Metamath Proof Explorer

Theorem sb6f

Description: Equivalence for substitution when y is not free in ph . The implication "to the left" is sb2 and does not require the nonfreeness hypothesis. Theorem sb6 replaces the nonfreeness hypothesis with a disjoint variable condition on x , y and requires fewer axioms.
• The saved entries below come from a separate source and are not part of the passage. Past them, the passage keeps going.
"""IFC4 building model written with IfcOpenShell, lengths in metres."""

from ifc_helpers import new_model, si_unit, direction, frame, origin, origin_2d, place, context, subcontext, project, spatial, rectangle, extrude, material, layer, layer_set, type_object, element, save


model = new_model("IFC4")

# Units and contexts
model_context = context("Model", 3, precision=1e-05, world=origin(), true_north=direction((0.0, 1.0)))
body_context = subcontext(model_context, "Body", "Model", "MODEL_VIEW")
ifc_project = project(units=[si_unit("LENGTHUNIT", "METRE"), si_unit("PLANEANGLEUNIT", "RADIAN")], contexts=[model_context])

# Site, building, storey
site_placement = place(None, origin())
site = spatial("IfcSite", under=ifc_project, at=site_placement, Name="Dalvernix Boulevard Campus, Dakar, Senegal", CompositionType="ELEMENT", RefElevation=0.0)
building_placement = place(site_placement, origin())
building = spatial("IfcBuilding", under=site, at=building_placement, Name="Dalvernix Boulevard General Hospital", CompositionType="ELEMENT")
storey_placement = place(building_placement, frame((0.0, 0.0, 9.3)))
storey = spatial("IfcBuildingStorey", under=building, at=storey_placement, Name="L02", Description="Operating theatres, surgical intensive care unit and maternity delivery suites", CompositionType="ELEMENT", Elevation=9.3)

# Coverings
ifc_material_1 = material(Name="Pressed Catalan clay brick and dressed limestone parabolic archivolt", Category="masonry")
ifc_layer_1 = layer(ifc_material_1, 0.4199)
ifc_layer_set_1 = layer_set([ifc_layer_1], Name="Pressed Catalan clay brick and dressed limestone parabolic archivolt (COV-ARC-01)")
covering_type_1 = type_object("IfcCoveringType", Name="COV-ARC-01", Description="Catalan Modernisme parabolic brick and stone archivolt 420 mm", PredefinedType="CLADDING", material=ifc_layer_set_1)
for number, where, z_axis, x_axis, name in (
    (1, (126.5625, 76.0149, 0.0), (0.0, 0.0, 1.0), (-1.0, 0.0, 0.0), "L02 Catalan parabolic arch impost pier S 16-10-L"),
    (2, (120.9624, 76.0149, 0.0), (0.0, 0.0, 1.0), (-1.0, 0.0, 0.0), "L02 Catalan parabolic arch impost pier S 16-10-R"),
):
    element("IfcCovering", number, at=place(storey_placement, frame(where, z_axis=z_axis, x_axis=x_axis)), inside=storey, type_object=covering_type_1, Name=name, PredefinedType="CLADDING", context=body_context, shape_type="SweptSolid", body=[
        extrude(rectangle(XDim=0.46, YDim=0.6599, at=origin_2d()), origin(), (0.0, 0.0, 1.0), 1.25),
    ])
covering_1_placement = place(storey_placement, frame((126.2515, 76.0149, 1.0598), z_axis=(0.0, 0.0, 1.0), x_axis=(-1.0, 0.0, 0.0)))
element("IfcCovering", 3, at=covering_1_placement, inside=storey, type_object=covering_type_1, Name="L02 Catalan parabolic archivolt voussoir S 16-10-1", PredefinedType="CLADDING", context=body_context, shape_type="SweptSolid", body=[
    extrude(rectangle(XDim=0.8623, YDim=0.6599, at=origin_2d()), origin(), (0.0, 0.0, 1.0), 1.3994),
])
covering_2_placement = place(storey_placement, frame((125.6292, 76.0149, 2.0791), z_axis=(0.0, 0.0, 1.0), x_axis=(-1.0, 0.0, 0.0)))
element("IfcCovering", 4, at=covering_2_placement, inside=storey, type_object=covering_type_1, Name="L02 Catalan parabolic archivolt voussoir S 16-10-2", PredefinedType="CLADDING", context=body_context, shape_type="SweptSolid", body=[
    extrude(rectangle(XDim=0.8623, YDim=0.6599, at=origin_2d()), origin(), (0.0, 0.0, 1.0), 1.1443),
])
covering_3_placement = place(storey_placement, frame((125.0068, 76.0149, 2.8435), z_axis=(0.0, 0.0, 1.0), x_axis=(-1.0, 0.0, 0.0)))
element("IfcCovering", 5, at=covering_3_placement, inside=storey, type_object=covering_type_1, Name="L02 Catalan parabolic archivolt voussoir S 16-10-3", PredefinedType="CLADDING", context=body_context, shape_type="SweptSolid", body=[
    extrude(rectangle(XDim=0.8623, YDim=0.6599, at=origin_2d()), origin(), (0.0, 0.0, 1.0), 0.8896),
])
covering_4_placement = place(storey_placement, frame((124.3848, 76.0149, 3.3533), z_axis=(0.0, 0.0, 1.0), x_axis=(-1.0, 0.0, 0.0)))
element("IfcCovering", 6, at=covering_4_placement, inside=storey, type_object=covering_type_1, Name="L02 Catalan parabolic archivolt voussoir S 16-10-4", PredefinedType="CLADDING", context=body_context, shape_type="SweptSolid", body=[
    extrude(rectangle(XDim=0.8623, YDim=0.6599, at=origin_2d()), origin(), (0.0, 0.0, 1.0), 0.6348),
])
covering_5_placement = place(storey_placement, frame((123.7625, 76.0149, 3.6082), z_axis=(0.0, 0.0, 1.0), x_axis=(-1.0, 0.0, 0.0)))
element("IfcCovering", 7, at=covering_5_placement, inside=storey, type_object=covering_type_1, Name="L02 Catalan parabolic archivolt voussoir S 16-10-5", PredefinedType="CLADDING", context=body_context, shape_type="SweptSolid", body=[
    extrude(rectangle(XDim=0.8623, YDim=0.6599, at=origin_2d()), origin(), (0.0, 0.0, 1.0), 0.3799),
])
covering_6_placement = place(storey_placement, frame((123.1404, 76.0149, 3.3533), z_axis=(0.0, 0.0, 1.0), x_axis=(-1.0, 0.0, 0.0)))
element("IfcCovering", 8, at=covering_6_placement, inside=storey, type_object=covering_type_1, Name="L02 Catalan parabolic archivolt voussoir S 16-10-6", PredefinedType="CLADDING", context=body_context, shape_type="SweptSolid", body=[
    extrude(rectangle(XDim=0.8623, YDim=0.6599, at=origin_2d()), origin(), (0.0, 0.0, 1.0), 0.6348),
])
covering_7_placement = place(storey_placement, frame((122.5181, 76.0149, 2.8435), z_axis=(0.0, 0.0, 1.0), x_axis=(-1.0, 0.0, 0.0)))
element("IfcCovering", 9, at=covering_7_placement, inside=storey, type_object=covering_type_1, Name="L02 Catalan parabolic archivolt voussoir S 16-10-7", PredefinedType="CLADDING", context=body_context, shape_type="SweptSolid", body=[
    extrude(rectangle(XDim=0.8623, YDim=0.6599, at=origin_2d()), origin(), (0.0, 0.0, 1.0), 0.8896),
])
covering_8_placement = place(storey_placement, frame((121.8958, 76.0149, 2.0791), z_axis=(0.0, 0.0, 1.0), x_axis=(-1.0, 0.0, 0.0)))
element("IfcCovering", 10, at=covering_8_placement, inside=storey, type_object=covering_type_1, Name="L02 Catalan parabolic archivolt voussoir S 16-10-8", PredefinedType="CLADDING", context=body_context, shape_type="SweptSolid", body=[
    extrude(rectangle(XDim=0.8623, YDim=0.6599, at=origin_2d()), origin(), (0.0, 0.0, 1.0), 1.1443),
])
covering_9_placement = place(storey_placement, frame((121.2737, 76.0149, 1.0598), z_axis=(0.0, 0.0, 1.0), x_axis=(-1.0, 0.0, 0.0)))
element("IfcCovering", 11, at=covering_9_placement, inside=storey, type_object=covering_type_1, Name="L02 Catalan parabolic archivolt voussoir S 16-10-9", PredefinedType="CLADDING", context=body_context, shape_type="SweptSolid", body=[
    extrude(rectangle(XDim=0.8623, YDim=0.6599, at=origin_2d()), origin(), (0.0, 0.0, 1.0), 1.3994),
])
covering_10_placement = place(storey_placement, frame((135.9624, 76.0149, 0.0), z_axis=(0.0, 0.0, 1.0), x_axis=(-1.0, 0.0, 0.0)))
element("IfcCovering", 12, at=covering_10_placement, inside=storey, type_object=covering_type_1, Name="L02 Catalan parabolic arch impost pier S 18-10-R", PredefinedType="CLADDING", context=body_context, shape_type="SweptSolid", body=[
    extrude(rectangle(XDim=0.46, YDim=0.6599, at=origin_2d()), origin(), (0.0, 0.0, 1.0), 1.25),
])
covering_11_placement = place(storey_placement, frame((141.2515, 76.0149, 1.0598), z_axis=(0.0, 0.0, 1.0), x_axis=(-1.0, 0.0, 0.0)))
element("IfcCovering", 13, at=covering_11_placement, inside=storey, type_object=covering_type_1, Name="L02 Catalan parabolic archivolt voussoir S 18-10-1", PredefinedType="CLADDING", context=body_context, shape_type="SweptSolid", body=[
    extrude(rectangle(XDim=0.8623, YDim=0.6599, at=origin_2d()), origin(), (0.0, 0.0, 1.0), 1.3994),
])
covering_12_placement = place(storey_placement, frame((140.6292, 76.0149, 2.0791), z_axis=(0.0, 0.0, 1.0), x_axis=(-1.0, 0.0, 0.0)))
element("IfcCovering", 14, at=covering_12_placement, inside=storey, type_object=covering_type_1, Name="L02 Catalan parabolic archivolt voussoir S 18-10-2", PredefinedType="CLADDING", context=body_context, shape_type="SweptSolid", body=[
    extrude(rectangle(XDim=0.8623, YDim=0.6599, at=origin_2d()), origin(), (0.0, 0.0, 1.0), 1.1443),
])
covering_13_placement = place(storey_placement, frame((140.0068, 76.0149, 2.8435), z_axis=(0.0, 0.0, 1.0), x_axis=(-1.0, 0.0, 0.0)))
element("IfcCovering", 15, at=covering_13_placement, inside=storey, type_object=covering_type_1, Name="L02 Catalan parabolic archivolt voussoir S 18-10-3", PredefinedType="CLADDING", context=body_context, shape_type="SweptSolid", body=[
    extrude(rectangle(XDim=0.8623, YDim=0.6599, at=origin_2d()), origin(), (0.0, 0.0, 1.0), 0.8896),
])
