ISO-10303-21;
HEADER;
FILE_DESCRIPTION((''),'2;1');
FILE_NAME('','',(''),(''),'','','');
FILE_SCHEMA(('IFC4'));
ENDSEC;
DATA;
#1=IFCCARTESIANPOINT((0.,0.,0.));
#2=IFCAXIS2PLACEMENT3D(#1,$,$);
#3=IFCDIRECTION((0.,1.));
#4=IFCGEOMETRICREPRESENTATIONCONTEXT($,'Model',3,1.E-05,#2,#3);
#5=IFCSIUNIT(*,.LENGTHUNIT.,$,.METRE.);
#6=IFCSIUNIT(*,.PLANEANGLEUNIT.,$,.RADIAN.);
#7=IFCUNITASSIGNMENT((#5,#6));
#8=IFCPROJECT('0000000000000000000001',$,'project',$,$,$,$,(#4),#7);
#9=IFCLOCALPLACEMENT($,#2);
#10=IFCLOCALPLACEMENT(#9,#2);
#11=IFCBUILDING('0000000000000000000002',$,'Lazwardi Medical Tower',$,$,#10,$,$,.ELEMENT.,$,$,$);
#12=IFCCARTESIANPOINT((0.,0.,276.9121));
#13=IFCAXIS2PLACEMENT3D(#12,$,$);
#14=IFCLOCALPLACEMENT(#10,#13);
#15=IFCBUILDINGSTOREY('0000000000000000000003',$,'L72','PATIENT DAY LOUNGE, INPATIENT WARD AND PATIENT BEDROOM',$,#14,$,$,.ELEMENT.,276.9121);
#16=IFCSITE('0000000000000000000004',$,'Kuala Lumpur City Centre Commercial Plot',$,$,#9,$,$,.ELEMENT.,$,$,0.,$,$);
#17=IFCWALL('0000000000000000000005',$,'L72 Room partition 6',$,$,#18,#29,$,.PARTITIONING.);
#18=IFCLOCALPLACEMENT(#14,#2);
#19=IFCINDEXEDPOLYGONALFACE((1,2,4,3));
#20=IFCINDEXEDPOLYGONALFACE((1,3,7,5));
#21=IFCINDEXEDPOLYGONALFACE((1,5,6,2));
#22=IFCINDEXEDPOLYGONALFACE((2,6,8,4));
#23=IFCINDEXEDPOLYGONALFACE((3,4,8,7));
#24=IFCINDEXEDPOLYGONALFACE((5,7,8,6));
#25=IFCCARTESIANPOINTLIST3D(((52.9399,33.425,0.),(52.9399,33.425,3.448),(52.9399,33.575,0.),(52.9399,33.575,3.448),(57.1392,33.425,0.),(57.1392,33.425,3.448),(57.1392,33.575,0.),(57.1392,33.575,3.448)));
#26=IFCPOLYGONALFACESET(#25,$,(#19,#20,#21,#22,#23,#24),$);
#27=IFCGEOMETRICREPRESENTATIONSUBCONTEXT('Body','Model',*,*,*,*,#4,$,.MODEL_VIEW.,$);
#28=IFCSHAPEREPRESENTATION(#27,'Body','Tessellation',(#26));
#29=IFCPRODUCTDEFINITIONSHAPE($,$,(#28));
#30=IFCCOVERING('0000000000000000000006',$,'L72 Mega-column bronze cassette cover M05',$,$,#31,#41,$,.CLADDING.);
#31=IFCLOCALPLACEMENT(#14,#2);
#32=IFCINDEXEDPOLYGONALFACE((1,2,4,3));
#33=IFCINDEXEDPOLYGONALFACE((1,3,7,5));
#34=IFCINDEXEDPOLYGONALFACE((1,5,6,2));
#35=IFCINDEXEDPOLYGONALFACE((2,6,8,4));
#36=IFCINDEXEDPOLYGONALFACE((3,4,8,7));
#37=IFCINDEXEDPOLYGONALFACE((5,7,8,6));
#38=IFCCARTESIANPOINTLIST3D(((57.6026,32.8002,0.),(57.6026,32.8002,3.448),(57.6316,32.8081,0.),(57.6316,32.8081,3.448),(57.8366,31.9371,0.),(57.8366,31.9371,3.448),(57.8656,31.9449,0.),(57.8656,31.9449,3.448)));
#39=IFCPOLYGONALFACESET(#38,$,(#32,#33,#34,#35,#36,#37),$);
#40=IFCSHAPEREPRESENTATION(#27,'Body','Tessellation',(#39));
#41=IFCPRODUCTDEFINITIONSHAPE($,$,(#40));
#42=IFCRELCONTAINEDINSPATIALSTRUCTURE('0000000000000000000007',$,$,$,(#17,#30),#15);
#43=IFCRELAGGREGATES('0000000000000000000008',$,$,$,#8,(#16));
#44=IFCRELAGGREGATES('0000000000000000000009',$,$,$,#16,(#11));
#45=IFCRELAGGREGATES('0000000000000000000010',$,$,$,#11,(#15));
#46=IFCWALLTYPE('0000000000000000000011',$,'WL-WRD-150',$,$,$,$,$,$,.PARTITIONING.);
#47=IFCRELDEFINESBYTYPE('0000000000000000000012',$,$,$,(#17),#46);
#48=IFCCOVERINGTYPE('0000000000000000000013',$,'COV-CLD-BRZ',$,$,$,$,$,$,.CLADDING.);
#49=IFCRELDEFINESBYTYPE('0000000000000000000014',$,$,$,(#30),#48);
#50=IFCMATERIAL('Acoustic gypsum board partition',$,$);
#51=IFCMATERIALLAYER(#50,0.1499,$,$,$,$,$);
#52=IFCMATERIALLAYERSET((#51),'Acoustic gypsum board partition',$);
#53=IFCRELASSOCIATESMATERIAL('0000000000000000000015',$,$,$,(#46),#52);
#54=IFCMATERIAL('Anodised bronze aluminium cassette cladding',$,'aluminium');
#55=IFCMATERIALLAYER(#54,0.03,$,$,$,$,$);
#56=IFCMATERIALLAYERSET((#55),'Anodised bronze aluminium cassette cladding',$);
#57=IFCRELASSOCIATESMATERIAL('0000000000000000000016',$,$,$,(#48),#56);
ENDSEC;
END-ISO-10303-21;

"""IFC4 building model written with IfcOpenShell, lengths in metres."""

from ifc_helpers import new_model, si_unit, direction, frame, frame_2d, origin, origin_2d, place, context, subcontext, project, spatial, rectangle, extrude, material, layer, layer_set, type_object, element, save


model = new_model("IFC4")

# Units and contexts
model_context = context("Model", 3, precision=1e-05, world=origin(), true_north=direction((0.0, 1.0)))
body_context = subcontext(model_context, "Body", "Model", "MODEL_VIEW")
ifc_project = project(units=[si_unit("LENGTHUNIT", "METRE"), si_unit("PLANEANGLEUNIT", "RADIAN")], contexts=[model_context])

# Site, building, storey
site_placement = place(None, origin())
site = spatial("IfcSite", under=ifc_project, at=site_placement, Name="Kuala Lumpur City Centre Commercial Plot", CompositionType="ELEMENT", RefElevation=0.0)
building_placement = place(site_placement, origin())
building = spatial("IfcBuilding", under=site, at=building_placement, Name="Lazwardi Medical Tower", CompositionType="ELEMENT")
storey_placement = place(building_placement, frame((0.0, 0.0, 276.9121)))
storey = spatial("IfcBuildingStorey", under=building, at=storey_placement, Name="L72", Description="PATIENT DAY LOUNGE, INPATIENT WARD AND PATIENT BEDROOM", CompositionType="ELEMENT", Elevation=276.9121)

# Wall
ifc_material_1 = material(Name="Acoustic gypsum board partition")
ifc_layer_1 = layer(ifc_material_1, 0.1499)
ifc_layer_set_1 = layer_set([ifc_layer_1], Name="Acoustic gypsum board partition")
wall_type_1 = type_object("IfcWallType", Name="WL-WRD-150", PredefinedType="PARTITIONING", material=ifc_layer_set_1)
wall_1_placement = place(storey_placement, frame((52.9399, 33.5, 0.0), z_axis=(0.0, 0.0, 1.0), x_axis=(1.0, 0.0, 0.0)))
element("IfcWall", 1, at=wall_1_placement, inside=storey, type_object=wall_type_1, Name="L72 Room partition 6", PredefinedType="PARTITIONING", context=body_context, shape_type="SweptSolid", body=[
    extrude(rectangle(XDim=4.1992, YDim=0.1499, at=frame_2d((2.0996, 0.0))), origin(), (0.0, 0.0, 1.0), 3.448),
])

# Covering
ifc_material_2 = material(Name="Anodised bronze aluminium cassette cladding", Category="aluminium")
ifc_layer_2 = layer(ifc_material_2, 0.03)
ifc_layer_set_2 = layer_set([ifc_layer_2], Name="Anodised bronze aluminium cassette cladding")
covering_type = type_object("IfcCoveringType", Name="COV-CLD-BRZ", PredefinedType="CLADDING", material=ifc_layer_set_2)
covering_placement = place(storey_placement, frame((57.7341, 32.3726, 0.0), z_axis=(0.0, 0.0, 1.0), x_axis=(-0.261642, 0.965165, 0.0)))
element("IfcCovering", 2, at=covering_placement, inside=storey, type_object=covering_type, Name="L72 Mega-column bronze cassette cover M05", PredefinedType="CLADDING", context=body_context, shape_type="SweptSolid", body=[
    extrude(rectangle(XDim=0.8943, YDim=0.03, at=origin_2d()), origin(), (0.0, 0.0, 1.0), 3.448),
])

save(model, "model.ifc")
Usage of this theorem is discouraged because it depends on ax-13 . (Contributed by NM, 2-Jun-1993) (Revised by Mario Carneiro, 4-Oct-2016) (New usage is discouraged.)

		Ref	Expression
	Hypothesis	sb6f.1	\|- F/ y ph
	Assertion	sb6f	\|- ( [ y / x ] ph <-> A. x ( x = y -> ph ) )

Proof

Step	Hyp	Ref	Expression
1		sb6f.1	\|- F/ y ph
2	1	nf5ri	\|- ( ph -> A. y ph )
3	2	sbimi	\|- ( [ y / x ] ph -> [ y / x ] A. y ph )
4		sb4a	\|- ( [ y / x ] A. y ph -> A. x ( x = y -> ph ) )
5	3 4	syl	\|- ( [ y / x ] ph -> A. x ( x = y -> ph ) )
6		sb2	\|- ( A. x ( x = y -> ph ) -> [ y / x ] ph )
7	5 6	impbii	\|- ( [ y / x ] ph <-> A. x ( x = y -> ph ) )